Однако «сквозной сюжет» романной трилогии в «Обрыве» значительно усложнен и расширен. Ибо в центре романа оказывается фигура не просто мечтателя, но собственно человека искусства — писателя Райского. Внутри авторского замыс-
ла «Обрыва» на глазах читателя зарождается и замысел романа героя: оба «романа» как бы пишутся одновременно (композиционный эффект «романа в романе»), одни и те же события служат материалом и Гончарову, и его герою Райскому. Следовательно, романный сюжет не только непосредственно проживается героями, но и является предметом творческой рефлексии Райского, а через него и самого Гончарова актом «самосознания и самопроверки» 1. Написание романа заставляет Райского постоянно расширять художественную раму повествования, вводить в сюжет все новые и новые «портреты», «картины» и «сцены». Таким способом мотивируется многонаселенность этого последнего произведения Гончарова, включенность в его орбиту множества непосредственно не связанных с сюжетом типов, как петербургских, так и провинциальных.
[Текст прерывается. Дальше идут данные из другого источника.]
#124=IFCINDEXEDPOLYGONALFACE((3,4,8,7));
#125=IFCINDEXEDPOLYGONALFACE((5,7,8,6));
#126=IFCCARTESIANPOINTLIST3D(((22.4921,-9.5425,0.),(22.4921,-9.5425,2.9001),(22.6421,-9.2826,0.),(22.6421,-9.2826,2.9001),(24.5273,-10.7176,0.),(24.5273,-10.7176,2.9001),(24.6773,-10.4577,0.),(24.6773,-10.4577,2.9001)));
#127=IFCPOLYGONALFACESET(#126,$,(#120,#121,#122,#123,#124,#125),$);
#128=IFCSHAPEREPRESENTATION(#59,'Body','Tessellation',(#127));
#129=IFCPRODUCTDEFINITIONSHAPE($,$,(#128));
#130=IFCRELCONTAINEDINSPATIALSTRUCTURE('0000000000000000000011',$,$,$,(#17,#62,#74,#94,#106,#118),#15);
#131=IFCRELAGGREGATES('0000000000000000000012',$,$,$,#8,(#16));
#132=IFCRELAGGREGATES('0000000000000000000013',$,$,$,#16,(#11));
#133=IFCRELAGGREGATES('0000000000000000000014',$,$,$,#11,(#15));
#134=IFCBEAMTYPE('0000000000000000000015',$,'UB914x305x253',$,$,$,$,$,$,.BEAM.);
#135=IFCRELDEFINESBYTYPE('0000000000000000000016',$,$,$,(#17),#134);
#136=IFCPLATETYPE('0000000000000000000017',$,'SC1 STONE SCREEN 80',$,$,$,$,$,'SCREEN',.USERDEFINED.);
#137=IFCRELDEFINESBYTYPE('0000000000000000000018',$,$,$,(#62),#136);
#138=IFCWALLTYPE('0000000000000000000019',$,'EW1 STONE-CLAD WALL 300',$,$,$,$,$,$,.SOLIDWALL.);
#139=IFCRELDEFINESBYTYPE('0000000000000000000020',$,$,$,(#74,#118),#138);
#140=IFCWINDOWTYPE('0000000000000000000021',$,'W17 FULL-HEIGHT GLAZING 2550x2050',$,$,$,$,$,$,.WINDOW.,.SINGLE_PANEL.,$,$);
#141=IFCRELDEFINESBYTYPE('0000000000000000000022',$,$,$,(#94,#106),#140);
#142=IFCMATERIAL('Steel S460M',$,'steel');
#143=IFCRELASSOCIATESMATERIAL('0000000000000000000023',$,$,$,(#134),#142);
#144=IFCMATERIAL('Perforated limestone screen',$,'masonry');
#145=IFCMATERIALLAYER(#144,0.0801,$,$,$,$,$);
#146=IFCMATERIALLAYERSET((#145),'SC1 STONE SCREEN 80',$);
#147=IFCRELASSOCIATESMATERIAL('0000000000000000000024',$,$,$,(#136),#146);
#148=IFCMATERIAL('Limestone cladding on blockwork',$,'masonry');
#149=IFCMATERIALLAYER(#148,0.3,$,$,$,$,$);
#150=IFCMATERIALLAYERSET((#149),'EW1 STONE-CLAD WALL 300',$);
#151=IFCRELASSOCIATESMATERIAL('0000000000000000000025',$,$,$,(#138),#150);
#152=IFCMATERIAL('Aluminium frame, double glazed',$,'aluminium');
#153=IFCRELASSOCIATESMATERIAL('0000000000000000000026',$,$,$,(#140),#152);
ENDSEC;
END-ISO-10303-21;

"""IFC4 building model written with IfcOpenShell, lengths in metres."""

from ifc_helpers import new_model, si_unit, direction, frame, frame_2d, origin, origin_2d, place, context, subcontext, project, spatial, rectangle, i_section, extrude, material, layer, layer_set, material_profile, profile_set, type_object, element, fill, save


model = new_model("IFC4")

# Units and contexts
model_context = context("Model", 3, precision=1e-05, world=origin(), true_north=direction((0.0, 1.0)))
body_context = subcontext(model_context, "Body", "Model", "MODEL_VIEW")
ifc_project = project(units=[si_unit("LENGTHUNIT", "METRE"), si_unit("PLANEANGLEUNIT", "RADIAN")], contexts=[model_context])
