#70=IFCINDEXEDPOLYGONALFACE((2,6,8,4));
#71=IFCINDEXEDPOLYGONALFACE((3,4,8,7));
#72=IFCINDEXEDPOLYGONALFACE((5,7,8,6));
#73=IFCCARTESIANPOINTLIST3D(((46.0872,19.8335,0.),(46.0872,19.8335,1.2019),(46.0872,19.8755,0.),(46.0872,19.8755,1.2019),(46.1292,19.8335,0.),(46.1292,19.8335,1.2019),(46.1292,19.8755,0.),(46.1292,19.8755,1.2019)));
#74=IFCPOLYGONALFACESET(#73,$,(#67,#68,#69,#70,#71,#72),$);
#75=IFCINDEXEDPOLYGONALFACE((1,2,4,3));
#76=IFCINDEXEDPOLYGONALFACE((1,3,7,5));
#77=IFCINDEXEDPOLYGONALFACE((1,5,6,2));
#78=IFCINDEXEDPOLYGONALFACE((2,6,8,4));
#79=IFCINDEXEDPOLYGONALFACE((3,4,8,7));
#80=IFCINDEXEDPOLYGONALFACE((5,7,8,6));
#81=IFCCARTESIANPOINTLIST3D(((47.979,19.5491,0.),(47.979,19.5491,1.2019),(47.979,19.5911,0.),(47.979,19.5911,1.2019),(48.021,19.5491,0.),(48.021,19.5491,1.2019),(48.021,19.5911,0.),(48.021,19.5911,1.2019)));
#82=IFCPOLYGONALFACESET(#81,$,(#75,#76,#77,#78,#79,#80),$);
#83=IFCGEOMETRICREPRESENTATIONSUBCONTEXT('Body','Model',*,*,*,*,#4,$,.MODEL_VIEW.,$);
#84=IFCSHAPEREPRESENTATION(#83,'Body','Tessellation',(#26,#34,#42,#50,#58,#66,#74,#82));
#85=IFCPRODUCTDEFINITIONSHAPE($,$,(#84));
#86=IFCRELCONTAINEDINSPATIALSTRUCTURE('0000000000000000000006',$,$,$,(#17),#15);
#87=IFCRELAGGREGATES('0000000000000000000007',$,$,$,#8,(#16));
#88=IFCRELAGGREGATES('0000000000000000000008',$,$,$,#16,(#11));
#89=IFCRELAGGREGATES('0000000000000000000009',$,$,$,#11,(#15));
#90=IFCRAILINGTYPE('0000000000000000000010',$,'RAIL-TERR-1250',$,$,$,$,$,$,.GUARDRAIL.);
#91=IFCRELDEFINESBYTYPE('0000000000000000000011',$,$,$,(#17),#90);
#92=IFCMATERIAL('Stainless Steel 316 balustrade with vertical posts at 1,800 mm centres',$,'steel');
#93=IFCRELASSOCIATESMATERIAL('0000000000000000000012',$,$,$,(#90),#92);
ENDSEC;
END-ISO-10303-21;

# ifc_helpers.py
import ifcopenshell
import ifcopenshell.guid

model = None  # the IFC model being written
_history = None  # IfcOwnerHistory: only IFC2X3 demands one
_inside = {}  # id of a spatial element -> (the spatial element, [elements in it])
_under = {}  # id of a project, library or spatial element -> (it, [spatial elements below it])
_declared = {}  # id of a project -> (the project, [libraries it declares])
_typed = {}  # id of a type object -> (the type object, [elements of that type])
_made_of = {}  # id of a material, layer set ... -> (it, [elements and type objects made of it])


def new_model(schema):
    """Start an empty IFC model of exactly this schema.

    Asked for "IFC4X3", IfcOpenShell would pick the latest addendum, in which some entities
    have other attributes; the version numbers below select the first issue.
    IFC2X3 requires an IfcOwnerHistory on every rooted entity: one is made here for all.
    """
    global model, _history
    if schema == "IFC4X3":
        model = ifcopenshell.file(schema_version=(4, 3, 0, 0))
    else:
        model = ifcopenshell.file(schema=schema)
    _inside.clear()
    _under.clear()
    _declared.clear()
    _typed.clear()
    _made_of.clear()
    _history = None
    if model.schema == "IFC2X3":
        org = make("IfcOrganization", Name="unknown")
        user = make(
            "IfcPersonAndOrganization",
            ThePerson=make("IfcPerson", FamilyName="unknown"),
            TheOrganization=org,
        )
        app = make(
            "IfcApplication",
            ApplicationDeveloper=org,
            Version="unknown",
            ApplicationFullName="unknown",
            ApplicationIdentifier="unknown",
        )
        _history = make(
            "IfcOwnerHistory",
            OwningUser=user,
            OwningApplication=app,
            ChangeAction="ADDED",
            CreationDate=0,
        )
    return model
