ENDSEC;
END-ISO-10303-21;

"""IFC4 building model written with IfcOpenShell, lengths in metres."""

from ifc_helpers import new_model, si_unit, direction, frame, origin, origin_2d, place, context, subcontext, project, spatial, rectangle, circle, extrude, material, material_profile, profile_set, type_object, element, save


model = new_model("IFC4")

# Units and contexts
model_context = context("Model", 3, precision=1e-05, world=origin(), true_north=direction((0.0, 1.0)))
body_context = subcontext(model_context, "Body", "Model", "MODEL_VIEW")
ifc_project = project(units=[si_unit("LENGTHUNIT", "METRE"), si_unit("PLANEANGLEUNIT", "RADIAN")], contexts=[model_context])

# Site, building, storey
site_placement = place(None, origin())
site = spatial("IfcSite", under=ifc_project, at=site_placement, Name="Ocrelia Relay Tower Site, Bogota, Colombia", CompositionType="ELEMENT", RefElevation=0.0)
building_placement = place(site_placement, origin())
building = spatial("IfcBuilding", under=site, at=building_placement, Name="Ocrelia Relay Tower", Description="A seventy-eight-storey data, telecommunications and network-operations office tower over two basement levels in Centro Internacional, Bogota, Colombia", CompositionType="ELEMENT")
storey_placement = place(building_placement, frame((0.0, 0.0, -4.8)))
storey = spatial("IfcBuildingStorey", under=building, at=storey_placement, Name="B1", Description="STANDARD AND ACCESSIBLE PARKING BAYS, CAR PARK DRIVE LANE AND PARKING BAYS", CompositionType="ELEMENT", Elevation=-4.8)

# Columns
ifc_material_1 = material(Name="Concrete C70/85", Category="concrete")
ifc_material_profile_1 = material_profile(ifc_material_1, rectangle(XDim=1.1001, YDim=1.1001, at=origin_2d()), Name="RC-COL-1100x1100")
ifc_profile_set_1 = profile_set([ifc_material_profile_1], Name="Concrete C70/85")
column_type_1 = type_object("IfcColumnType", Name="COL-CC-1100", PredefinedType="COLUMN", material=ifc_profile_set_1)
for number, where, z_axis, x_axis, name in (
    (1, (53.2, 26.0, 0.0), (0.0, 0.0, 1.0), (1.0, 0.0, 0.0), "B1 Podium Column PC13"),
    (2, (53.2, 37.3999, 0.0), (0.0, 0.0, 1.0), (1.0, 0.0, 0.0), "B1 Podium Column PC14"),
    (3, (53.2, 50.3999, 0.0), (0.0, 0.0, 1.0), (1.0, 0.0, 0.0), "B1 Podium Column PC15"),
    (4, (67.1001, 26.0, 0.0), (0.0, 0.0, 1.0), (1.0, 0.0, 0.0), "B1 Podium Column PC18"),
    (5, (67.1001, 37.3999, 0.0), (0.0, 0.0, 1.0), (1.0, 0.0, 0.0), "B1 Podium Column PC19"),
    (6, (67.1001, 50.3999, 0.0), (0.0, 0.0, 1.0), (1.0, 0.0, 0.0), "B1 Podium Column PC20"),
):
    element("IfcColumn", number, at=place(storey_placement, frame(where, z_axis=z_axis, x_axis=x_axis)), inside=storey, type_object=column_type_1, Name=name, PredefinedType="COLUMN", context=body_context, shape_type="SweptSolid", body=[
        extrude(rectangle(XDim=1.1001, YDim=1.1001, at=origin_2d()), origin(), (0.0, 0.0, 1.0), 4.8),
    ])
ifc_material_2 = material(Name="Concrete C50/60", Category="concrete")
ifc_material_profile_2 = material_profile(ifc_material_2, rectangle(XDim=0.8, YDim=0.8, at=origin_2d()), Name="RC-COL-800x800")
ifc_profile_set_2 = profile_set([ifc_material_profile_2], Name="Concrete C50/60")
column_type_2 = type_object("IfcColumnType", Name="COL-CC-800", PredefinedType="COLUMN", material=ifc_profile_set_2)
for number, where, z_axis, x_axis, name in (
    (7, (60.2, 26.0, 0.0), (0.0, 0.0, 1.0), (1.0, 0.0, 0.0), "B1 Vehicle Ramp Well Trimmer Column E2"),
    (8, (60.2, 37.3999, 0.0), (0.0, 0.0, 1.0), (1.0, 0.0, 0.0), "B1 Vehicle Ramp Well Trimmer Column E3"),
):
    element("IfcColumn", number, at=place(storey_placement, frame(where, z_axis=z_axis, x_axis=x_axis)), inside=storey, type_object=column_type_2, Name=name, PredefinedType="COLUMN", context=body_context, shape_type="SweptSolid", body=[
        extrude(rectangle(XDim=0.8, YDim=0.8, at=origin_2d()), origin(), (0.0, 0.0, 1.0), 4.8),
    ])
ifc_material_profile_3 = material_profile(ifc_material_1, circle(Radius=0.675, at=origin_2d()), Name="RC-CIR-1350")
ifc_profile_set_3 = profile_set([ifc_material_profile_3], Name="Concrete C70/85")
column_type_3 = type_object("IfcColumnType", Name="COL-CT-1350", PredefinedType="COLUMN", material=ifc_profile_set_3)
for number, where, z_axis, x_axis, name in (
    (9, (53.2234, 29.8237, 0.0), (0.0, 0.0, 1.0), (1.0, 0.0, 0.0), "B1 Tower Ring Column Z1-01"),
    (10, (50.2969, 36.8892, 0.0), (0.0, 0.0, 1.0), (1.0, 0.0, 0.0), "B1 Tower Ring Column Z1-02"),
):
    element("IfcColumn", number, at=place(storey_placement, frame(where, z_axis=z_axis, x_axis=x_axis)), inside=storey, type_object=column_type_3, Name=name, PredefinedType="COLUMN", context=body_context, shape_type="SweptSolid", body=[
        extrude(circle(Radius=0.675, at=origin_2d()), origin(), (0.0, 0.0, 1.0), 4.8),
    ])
Сама же генеральная для трилогии проблема смены старого, феодального уклада новым, буржуазным в «Обрыве», таким образом, перекрывается более общей, философско-эстетической проблемой соотношения «правды искусства» с «правдой жизни», возможности искусства творить и преобразовывать действительность и, как следствие, роли творческой личности в осуществлении исторического и культурного прогресса.